# What "methods" made your FET/IVF actually successful? Any advice @ all would hel



## amiahjordan (Apr 28, 2011)

With my first FET I only took prenatals, and it failed. I have read book after book and this is the regiment I have been on since my last FET cycle in March which resulted in a chemical pregnancy. So I feel that something is working right.
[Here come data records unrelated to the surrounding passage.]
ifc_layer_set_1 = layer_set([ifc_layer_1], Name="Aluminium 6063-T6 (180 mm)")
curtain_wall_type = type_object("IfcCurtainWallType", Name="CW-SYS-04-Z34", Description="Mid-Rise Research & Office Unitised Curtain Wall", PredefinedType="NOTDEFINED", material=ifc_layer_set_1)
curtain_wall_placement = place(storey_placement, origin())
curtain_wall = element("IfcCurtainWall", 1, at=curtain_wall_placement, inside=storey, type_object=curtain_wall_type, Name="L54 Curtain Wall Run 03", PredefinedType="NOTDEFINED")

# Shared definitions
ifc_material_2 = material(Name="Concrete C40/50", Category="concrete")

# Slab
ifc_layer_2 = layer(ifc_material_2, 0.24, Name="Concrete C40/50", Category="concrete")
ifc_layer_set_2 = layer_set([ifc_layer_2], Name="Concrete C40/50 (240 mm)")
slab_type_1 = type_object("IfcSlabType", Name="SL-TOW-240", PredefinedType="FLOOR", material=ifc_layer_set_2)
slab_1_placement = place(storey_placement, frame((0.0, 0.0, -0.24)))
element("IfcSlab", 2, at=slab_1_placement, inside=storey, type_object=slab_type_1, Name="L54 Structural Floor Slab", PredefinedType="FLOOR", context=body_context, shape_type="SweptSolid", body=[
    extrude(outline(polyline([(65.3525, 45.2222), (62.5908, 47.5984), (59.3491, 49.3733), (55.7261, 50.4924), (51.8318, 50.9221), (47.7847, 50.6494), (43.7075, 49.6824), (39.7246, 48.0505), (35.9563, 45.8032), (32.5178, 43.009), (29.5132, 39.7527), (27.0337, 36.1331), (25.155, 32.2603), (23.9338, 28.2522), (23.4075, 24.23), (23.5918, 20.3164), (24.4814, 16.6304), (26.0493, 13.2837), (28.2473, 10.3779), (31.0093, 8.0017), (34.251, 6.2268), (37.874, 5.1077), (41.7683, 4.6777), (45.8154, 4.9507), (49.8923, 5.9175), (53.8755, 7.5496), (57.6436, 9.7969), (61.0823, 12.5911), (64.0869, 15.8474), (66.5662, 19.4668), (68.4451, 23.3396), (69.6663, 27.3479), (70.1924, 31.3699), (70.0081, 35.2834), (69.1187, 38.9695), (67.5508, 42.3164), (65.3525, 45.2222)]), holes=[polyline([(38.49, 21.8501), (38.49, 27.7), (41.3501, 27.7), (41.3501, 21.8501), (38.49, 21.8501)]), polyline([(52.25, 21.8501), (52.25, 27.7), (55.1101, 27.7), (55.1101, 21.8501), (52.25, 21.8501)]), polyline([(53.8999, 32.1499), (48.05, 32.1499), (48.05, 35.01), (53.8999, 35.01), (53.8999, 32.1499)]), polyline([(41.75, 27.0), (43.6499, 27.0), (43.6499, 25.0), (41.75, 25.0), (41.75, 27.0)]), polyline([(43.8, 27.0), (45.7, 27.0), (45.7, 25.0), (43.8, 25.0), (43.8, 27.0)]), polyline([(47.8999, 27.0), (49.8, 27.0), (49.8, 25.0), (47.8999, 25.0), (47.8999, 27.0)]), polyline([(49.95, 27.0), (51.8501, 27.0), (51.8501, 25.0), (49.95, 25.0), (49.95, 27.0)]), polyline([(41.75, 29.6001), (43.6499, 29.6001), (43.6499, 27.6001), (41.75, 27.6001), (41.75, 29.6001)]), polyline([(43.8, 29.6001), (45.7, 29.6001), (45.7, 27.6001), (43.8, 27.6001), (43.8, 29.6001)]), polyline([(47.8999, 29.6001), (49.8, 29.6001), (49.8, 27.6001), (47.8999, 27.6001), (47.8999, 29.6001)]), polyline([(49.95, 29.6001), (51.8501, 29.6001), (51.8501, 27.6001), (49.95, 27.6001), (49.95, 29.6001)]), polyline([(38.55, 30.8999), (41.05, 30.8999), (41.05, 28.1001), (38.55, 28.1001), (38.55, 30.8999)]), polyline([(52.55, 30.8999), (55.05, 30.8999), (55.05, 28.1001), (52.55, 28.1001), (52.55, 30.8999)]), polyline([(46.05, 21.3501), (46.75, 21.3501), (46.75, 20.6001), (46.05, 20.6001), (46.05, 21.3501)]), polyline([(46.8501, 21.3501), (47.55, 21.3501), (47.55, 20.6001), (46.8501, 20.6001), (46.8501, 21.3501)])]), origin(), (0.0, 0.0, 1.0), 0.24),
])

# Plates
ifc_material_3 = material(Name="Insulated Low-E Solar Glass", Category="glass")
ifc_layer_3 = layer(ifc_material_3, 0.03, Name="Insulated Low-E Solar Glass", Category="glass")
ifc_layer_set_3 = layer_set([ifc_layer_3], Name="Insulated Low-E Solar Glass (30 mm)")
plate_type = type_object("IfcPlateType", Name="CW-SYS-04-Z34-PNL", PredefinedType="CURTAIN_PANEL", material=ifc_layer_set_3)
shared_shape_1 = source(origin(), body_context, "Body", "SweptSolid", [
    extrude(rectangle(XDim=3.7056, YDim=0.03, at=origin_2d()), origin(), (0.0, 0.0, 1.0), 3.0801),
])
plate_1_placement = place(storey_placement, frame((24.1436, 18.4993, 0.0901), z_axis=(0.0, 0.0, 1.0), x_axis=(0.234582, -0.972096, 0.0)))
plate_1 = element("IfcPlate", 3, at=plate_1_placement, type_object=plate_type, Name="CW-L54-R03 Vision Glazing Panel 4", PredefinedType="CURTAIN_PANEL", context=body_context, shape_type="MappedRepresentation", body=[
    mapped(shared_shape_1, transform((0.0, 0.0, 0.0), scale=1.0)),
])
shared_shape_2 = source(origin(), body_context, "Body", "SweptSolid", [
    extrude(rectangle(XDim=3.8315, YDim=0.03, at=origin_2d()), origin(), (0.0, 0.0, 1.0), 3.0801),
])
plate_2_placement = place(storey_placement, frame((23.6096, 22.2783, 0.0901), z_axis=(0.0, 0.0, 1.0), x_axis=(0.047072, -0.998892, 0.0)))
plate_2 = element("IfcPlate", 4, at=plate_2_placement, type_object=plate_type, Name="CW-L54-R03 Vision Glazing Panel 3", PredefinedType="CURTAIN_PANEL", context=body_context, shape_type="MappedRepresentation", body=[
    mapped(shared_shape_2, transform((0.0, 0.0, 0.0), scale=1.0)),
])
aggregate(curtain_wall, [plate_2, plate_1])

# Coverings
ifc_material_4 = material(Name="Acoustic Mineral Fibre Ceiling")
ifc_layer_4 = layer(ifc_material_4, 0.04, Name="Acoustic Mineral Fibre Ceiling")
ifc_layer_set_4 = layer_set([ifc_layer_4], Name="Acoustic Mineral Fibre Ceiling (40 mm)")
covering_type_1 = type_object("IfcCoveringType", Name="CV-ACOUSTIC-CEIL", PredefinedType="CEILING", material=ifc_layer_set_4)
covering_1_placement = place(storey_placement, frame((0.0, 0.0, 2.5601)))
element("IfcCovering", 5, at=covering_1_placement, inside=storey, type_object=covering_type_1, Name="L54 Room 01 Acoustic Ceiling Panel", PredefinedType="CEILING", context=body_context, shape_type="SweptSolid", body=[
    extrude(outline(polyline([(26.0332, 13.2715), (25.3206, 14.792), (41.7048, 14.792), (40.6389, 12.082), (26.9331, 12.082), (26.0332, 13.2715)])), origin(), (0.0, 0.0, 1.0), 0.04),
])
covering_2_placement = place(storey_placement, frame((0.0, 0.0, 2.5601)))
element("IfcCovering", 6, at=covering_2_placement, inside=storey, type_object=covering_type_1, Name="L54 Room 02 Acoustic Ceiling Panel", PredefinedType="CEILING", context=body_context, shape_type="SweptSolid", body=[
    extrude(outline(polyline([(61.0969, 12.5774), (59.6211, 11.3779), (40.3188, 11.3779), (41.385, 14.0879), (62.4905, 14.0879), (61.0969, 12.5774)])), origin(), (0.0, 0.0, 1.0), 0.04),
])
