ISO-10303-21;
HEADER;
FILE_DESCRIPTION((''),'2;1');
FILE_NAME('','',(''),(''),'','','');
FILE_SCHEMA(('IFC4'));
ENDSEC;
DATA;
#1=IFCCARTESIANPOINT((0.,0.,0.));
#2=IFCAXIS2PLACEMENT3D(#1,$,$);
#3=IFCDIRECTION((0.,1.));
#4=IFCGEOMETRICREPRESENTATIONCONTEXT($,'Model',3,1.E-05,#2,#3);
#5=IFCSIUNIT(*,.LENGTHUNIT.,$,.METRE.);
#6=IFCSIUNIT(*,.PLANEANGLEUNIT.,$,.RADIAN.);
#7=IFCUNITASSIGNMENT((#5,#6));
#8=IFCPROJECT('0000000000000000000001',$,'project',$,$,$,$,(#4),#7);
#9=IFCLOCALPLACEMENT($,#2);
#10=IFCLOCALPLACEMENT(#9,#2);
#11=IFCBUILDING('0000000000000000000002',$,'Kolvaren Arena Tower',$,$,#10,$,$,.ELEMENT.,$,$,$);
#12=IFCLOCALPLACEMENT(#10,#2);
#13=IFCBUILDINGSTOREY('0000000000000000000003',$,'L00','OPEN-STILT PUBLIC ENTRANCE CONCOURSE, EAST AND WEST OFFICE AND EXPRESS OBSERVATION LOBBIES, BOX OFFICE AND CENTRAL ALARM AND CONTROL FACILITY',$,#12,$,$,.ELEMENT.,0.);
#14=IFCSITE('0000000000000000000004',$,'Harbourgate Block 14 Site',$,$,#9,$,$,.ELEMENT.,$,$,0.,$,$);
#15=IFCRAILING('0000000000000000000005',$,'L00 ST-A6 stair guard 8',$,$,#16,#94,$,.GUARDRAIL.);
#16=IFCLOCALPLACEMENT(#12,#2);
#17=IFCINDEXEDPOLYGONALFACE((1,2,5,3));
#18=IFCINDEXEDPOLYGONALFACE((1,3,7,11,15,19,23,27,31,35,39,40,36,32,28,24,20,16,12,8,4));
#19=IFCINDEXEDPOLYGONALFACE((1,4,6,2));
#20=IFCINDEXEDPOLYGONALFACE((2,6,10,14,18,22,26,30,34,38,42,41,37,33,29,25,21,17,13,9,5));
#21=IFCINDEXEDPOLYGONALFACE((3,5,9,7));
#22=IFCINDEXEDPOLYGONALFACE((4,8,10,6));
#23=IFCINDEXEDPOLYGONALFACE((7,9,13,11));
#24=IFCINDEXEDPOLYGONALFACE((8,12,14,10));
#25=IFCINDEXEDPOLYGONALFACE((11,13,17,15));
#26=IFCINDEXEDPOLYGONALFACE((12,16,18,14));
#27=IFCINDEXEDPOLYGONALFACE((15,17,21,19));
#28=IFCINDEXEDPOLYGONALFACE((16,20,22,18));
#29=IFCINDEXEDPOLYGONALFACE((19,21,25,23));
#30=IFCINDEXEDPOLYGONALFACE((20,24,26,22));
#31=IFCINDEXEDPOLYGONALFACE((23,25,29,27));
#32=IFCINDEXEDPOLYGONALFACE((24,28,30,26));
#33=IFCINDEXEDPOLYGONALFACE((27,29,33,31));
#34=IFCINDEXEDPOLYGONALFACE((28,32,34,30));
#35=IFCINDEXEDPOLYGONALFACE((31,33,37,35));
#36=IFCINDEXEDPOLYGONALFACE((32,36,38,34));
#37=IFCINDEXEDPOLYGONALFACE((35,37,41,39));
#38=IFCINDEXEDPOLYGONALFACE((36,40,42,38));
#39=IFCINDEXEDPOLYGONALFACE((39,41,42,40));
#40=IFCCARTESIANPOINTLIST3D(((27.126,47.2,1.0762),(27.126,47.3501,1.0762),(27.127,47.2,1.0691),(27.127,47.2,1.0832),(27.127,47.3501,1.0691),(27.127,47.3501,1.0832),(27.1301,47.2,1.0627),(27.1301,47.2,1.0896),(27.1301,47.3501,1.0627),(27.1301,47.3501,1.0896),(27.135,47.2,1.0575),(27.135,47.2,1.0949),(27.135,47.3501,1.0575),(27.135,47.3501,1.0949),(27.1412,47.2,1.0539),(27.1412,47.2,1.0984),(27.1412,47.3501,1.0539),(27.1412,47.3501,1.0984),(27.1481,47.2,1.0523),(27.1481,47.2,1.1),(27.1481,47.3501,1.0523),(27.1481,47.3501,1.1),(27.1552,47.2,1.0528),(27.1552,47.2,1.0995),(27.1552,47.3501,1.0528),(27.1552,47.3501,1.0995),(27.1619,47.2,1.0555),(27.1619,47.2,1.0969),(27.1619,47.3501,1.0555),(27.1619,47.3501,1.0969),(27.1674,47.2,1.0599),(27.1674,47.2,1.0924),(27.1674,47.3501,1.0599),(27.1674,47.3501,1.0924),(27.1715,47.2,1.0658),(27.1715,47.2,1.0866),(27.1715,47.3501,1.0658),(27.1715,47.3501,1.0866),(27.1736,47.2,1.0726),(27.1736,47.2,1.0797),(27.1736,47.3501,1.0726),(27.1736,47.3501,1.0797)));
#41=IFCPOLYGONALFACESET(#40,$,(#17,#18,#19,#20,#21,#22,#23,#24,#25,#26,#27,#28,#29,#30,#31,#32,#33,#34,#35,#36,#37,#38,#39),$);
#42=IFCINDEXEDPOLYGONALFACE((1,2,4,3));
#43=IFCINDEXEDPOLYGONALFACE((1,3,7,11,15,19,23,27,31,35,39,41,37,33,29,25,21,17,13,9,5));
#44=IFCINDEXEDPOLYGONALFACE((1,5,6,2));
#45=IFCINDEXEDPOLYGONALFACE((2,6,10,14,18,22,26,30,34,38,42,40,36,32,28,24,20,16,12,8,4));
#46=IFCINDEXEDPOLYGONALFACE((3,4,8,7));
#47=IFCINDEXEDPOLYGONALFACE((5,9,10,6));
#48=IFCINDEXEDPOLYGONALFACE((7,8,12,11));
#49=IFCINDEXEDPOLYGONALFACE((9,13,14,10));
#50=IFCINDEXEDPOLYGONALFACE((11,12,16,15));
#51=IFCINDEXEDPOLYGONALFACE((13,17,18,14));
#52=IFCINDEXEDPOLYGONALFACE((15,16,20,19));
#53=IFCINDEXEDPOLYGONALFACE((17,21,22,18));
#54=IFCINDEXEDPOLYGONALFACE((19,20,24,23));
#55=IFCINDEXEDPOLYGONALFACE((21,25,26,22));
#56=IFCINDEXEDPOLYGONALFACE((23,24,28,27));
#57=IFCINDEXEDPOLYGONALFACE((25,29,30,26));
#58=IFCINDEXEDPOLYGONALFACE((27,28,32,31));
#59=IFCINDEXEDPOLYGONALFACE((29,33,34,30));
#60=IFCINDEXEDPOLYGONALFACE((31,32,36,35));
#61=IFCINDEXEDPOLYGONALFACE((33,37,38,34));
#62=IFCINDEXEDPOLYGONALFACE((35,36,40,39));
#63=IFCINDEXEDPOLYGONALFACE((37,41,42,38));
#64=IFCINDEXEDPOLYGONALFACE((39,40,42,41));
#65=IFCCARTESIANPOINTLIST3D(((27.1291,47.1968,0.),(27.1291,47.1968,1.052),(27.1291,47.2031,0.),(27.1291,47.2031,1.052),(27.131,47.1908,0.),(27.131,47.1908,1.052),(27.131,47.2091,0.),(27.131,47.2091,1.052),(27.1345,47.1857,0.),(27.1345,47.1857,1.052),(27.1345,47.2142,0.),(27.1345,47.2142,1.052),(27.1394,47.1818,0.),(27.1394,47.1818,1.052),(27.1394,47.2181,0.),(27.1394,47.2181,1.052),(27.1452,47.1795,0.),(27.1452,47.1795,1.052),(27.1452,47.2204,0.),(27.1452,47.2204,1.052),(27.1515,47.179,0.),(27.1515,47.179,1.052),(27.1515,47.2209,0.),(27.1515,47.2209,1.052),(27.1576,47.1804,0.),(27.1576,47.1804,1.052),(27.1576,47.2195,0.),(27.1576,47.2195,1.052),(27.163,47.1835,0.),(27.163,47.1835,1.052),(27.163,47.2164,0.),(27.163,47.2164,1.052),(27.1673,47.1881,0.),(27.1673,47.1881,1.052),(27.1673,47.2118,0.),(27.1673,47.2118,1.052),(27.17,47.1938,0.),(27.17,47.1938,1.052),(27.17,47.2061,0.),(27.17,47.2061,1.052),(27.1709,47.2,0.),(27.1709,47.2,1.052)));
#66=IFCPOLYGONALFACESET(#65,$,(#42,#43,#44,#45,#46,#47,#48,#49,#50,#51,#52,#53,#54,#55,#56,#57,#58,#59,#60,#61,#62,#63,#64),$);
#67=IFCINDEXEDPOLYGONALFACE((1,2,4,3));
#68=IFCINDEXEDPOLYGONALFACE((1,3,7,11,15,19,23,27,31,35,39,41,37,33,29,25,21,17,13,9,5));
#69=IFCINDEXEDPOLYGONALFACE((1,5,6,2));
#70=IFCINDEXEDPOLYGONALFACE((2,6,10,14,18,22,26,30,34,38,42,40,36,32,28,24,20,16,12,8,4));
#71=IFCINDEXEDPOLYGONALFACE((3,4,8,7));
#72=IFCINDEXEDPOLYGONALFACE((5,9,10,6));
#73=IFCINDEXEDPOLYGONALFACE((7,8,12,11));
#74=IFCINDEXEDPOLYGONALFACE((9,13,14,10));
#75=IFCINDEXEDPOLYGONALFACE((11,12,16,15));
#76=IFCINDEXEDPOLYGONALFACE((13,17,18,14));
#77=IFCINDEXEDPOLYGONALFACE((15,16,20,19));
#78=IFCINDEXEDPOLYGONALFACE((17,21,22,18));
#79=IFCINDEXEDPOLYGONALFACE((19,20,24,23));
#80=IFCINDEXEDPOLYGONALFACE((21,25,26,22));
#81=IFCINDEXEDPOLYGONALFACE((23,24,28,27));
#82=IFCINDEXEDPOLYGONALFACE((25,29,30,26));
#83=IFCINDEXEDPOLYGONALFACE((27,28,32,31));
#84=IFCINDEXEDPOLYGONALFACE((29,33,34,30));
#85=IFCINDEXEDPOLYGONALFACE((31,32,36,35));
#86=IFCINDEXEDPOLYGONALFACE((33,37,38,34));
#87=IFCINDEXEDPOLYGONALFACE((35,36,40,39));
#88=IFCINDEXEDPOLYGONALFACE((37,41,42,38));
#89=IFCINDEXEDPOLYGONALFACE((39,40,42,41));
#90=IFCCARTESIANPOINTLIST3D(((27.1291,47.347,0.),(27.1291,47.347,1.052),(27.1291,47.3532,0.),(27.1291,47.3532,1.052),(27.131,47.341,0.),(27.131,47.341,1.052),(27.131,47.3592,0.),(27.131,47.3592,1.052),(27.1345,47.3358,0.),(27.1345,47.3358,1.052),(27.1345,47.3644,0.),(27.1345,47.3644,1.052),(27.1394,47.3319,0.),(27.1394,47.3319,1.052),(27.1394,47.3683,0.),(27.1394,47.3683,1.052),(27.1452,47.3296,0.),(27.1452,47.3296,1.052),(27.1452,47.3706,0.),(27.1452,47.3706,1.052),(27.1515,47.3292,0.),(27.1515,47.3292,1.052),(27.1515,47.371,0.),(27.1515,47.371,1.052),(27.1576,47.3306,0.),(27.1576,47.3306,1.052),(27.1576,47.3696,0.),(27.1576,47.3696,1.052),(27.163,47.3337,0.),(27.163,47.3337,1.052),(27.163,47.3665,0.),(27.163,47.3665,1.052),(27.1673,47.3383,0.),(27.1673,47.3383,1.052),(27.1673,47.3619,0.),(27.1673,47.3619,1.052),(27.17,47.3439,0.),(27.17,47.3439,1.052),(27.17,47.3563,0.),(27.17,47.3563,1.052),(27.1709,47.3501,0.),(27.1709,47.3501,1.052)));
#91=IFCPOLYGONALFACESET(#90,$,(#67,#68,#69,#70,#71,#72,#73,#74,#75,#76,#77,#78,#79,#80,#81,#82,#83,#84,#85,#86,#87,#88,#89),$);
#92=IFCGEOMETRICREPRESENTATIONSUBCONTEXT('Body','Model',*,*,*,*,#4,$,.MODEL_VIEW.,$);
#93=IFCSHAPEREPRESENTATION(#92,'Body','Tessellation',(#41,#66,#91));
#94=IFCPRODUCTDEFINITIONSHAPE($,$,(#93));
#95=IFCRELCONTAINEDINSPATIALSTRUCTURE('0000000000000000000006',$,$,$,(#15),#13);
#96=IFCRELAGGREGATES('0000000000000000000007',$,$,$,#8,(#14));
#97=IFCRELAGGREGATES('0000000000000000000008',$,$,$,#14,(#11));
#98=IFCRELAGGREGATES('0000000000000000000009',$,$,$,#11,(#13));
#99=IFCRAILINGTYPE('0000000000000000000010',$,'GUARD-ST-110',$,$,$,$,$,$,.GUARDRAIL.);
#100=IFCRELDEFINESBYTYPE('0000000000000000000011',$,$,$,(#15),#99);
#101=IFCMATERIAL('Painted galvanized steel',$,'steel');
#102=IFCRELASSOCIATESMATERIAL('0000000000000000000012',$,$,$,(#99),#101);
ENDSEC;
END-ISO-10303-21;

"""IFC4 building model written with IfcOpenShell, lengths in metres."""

from ifc_helpers import new_model, si_unit, direction, frame, origin, origin_2d, place, context, subcontext, project, spatial, circle, extrude, material, type_object, element, save


model = new_model("IFC4")

# Units and contexts
model_context = context("Model", 3, precision=1e-05, world=origin(), true_north=direction((0.0, 1.0)))
body_context = subcontext(model_context, "Body", "Model", "MODEL_VIEW")
ifc_project = project(units=[si_unit("LENGTHUNIT", "METRE"), si_unit("PLANEANGLEUNIT", "RADIAN")], contexts=[model_context])

# Site, building, storey
site_placement = place(None, origin())
site = spatial("IfcSite", under=ifc_project, at=site_placement, Name="Harbourgate Block 14 Site", CompositionType="ELEMENT", RefElevation=0.0)
building_placement = place(site_placement, origin())
building = spatial("IfcBuilding", under=site, at=building_placement, Name="Kolvaren Arena Tower", CompositionType="ELEMENT")
storey_placement = place(building_placement, origin())
storey = spatial("IfcBuildingStorey", under=building, at=storey_placement, Name="L00", Description="OPEN-STILT PUBLIC ENTRANCE CONCOURSE, EAST AND WEST OFFICE AND EXPRESS OBSERVATION LOBBIES, BOX OFFICE AND CENTRAL ALARM AND CONTROL FACILITY", CompositionType="ELEMENT", Elevation=0.0)

# Railing
ifc_material_1 = material(Name="Painted galvanized steel", Category="steel")
railing_type_1 = type_object("IfcRailingType", Name="GUARD-ST-110", PredefinedType="GUARDRAIL", material=ifc_material_1)
railing_1_placement = place(storey_placement, frame((27.1499, 47.2, 0.0)))
element("IfcRailing", 1, at=railing_1_placement, inside=storey, type_object=railing_type_1, Name="L00 ST-A6 stair guard 8", PredefinedType="GUARDRAIL", context=body_context, shape_type="SweptSolid", body=[
    extrude(circle(Radius=0.0239, at=origin_2d()), frame((0.0, 0.0, 1.0762), z_axis=(0.0, 1.0, 0.0), x_axis=(-1.0, 0.0, 0.0)), (0.0, 0.0, 1.0), 0.1501),
    extrude(circle(Radius=0.021, at=origin_2d()), origin(), (0.0, 0.0, 1.0), 1.052),
    extrude(circle(Radius=0.021, at=origin_2d()), frame((0.0, 0.1501, 0.0)), (0.0, 0.0, 1.0), 1.052),
])

save(model, "model.ifc")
Here is my list sorry so long: 

Fish oil w/ EPA, DHA, Omega 3-1400mg (recommended from my acupuncturist) 
Prenatal vitamin 
Folic acid-800mcg 
Vitamin B-50 
calcium-1200mg (lupron depletes bone mass) 
Spirulina aka green-algee-760mg 
DHEA-25mg 
baby aspirin-81mg 
magnesium-250mg 
royal jelly-300mg 
L-arginine-500mg (stopping this 2 days before transfer) 
biotin-5000mcg 
Co Enzyme Q10-100mg 
bromelain 500mg (start taking 2 days before transfer stop 7 after) 
red raspberry leaves 800mg (start taking 2 days before transfer stop 7 days after) 
Tylenol if needed 
I drink whey protein everyday for the protein too 

I know this may sound like a lot but if you have any suggestions or comments I would love to hear them. I have done a lot of research on all of these and they need to be in your body at the time of implantation from what I understand. Thanks for listening....


----------



## charlie61 (Mar 5, 2008)

Hi hun, I know it is very cliche but the things i think worked for me was gestone rather than pessaries and also the dredded 'relax'    I never dreamt that FET would work so to be honest i just saw it as a step to the next ICSI cycle, i didnt worry about what was happening andwas so convinced it hadnt worked cause i was so PMT like i even has a glass of wine the night before test!!  Good luck with this try i hope its the last for you


----------



## nikki.ryder (Feb 16, 2007)

Hi Hun

I dont really have any advice but I do believe that people need to do whatever makes the whole process better for them so that you dont have any 'What if's?'.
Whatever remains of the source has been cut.